# Off Topic > Suggestions for Improvement >  >  Banner for attaching files

## Pepe Le Mokko

Members regularly run into trouble when trying to attach files using the  paperclip.
Perhaps a banner indicating how to attach a file properly would help?

----------


## Pepe Le Mokko

Bump??????

----------


## AliGW

Only the only currently active member who could do this is Ford.

----------


## Pepe Le Mokko

That is why I bumped, to draw his attention, and see if somebody (dis)agreed

----------


## AliGW

I don't think it would help - when we had a banner announcing the change in the forum rules, most people failed to spot it and those who did were annoyed by it (you can't win).  :Smilie: 

Howe about dropping Ford a PM?

----------


## FDibbins

We can try.  I can set it up so it is unmissable by those who dont wish to see it.

----------


## FDibbins

hmm my directions to upload are fairly long, anyone have a short version ( that will still explain properly)?

----------


## AliGW

Unfortunately the attachment icon doesn't work at the moment (it hasn't worked for years, and despite our repeatedly asking the technical team who own the forum to fix it, they can't be bothered to do so), so to attach an Excel file you have to do the following: just before posting, scroll down to *Go Advanced* and then scroll down to *Manage Attachments*. Now follow the instructions at the top of that screen.

----------


## Pepe Le Mokko

"Want faster help while saving our members time loss? Just attach an XL file to your (original) post with some ( desensitized if needed ) data and expected results. Click Go advanced , scroll down to Manage attachments and follow instructions. ( the paperclip is U/S)."

----------


## Glenn Kennedy

Sorely needed!!  Most Qs seem to be posed by new/infrequent users, so ANY steer to get them to give us a decent sample right from the start would be helpful.

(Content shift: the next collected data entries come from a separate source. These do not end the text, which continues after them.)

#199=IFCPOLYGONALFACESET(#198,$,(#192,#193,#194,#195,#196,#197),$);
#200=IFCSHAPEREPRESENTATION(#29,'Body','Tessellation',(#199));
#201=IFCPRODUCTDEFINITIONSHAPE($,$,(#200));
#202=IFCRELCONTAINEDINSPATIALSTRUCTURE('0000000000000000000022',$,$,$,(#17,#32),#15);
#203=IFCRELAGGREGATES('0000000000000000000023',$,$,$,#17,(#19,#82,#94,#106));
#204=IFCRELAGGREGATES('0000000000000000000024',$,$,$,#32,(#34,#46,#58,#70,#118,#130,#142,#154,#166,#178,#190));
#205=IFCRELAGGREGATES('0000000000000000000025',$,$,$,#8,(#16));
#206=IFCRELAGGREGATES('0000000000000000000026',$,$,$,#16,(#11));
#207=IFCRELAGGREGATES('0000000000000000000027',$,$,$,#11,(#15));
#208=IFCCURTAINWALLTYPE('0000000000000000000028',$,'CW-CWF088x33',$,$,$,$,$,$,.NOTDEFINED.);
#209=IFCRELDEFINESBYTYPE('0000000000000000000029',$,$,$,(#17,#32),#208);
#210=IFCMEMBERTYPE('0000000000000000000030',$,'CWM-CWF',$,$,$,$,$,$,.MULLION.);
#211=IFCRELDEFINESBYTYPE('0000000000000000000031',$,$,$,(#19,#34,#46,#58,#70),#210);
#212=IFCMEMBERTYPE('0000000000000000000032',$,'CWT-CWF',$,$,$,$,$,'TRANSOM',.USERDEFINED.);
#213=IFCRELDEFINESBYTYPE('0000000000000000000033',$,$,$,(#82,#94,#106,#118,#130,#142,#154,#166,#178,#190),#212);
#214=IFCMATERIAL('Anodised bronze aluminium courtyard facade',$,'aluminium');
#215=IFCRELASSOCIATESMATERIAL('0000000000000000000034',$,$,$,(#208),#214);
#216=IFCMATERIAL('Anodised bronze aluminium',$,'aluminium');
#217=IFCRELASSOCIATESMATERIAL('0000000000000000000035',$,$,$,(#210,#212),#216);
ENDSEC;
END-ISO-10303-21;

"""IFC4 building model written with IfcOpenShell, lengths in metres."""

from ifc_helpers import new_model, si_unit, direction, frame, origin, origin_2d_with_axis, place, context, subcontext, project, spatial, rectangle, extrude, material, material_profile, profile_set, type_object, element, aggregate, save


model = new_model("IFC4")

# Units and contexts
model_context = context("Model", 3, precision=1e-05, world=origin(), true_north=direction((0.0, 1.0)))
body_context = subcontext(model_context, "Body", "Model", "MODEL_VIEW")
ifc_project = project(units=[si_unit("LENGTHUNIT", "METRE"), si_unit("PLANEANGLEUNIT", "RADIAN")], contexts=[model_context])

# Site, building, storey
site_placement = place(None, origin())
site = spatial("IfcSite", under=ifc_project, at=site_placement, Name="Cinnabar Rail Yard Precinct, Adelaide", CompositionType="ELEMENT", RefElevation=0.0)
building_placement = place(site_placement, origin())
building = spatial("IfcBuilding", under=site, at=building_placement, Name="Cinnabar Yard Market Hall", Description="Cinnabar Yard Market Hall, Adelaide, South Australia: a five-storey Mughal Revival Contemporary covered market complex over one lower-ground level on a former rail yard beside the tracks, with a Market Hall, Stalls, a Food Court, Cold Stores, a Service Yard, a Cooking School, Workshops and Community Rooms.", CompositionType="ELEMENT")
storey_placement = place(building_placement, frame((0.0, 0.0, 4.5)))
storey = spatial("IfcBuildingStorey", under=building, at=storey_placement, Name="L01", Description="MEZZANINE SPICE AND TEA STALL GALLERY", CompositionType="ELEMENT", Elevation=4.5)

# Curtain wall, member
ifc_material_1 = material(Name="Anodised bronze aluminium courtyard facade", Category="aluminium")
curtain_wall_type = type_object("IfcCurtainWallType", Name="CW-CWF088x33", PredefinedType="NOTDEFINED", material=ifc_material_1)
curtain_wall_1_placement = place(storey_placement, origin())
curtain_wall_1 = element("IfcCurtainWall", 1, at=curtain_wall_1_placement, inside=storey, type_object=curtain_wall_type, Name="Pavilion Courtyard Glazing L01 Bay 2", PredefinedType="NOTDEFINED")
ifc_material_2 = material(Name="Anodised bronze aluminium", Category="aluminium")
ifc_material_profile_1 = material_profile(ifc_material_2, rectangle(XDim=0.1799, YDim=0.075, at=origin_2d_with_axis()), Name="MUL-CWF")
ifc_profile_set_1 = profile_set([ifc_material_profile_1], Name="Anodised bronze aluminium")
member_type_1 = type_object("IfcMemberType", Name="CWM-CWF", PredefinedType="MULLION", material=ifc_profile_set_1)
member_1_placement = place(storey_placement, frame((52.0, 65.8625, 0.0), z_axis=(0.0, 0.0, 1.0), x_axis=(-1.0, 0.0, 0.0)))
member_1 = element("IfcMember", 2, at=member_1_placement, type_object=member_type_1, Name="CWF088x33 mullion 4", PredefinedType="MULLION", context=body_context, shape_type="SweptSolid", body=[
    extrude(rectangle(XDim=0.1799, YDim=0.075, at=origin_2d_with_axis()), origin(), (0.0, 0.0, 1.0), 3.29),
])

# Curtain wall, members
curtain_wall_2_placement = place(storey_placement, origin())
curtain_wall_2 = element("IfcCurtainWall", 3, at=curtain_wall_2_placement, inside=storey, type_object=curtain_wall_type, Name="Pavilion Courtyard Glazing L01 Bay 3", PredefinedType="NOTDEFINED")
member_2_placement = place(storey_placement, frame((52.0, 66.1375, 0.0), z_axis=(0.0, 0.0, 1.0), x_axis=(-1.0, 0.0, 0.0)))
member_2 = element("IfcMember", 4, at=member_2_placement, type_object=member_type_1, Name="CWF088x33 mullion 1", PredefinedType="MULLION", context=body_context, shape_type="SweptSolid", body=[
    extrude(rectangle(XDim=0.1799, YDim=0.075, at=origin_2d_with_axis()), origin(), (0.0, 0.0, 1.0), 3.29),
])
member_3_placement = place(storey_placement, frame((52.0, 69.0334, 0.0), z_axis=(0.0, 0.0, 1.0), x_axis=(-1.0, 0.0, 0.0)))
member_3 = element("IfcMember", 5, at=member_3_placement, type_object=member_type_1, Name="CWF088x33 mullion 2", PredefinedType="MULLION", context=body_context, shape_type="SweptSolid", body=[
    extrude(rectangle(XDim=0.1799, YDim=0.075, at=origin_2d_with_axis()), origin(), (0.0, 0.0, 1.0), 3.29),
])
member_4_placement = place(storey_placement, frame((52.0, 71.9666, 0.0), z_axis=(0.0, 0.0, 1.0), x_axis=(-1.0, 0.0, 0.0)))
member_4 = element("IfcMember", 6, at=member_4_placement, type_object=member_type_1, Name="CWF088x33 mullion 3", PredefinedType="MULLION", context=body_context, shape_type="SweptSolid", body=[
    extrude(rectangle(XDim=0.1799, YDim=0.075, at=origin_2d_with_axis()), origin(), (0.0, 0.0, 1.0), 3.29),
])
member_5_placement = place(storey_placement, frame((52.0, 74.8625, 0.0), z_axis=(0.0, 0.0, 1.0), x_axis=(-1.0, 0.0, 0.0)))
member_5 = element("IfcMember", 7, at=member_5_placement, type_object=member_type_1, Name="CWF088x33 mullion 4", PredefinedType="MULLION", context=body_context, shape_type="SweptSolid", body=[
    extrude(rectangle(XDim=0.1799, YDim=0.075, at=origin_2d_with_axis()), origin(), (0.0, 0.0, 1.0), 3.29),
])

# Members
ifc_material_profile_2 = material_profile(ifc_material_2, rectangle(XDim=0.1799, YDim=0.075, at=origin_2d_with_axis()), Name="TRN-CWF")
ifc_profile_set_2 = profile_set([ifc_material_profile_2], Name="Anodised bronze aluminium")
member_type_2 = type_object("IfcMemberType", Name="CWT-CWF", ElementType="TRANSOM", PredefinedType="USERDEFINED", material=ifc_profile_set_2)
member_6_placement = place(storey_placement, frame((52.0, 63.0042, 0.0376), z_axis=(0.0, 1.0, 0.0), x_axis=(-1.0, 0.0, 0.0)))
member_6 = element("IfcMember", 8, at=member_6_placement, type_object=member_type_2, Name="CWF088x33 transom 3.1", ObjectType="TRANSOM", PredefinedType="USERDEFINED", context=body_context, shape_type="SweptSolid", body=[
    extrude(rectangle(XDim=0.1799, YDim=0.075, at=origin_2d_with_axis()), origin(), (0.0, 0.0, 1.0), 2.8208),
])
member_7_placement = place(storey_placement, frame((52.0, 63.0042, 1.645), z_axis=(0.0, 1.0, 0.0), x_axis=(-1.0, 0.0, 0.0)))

Fast answers need clear examples.  Post a small Excel sheet (not a picture) showing realistic & representative sample data WITHOUT confidential information (10-20 rows, not thousands...) and some manually calculated results.  Just before posting, scroll down to Go Advanced and then scroll down to Manage Attachments. Now follow the instructions at the top of that screen.

----------


## FDibbins

OK, I have posted a banner, lets see if that helps.

----------


## Pepe Le Mokko

Thanks Ford.
Perhaps highlighting "Go Advanced" and " Manage attachments" might increase the success score?  :Smilie:

----------


## Glenn Kennedy

Given that there's a bit of space left on line 2:

Fast answers need clear examples. Post a small Excel sheet (not a picture) showing realistic & representative sample data WITHOUT confidential information (10-20 rows, not thousands...) and some manually calculated results. Just before posting, scroll down to GO ADVANCED, click, and then scroll down to MANAGE ATTACHMENTS and click again. Now follow the instructions at the top of that screen.

----------


## FDibbins

Updated, lets see how that turned out.

----------


## FDibbins

testing *bold* testing

----------


## FDibbins

nope.  OK seems I either cant (or dont know how to) bold stuff for the banner.

----------


## Glenn Kennedy

Lol.... It now reads like an instruction TO me!!

----------


## FDibbins

lol yup, I added a username to it.  Name shown is the user that is viewing (I see my name, you see yours etc)

----------


## Glenn Kennedy

oooh errr!!!  Very clever!!!  Thanks for doing this....  

I, for one, really struggle to see what's needed by wading through a yard-and-a-half of (all too often) fractured English.  Also, I am sufficiently grumpy that I don't like trying to recreate what the OP has right in front of them.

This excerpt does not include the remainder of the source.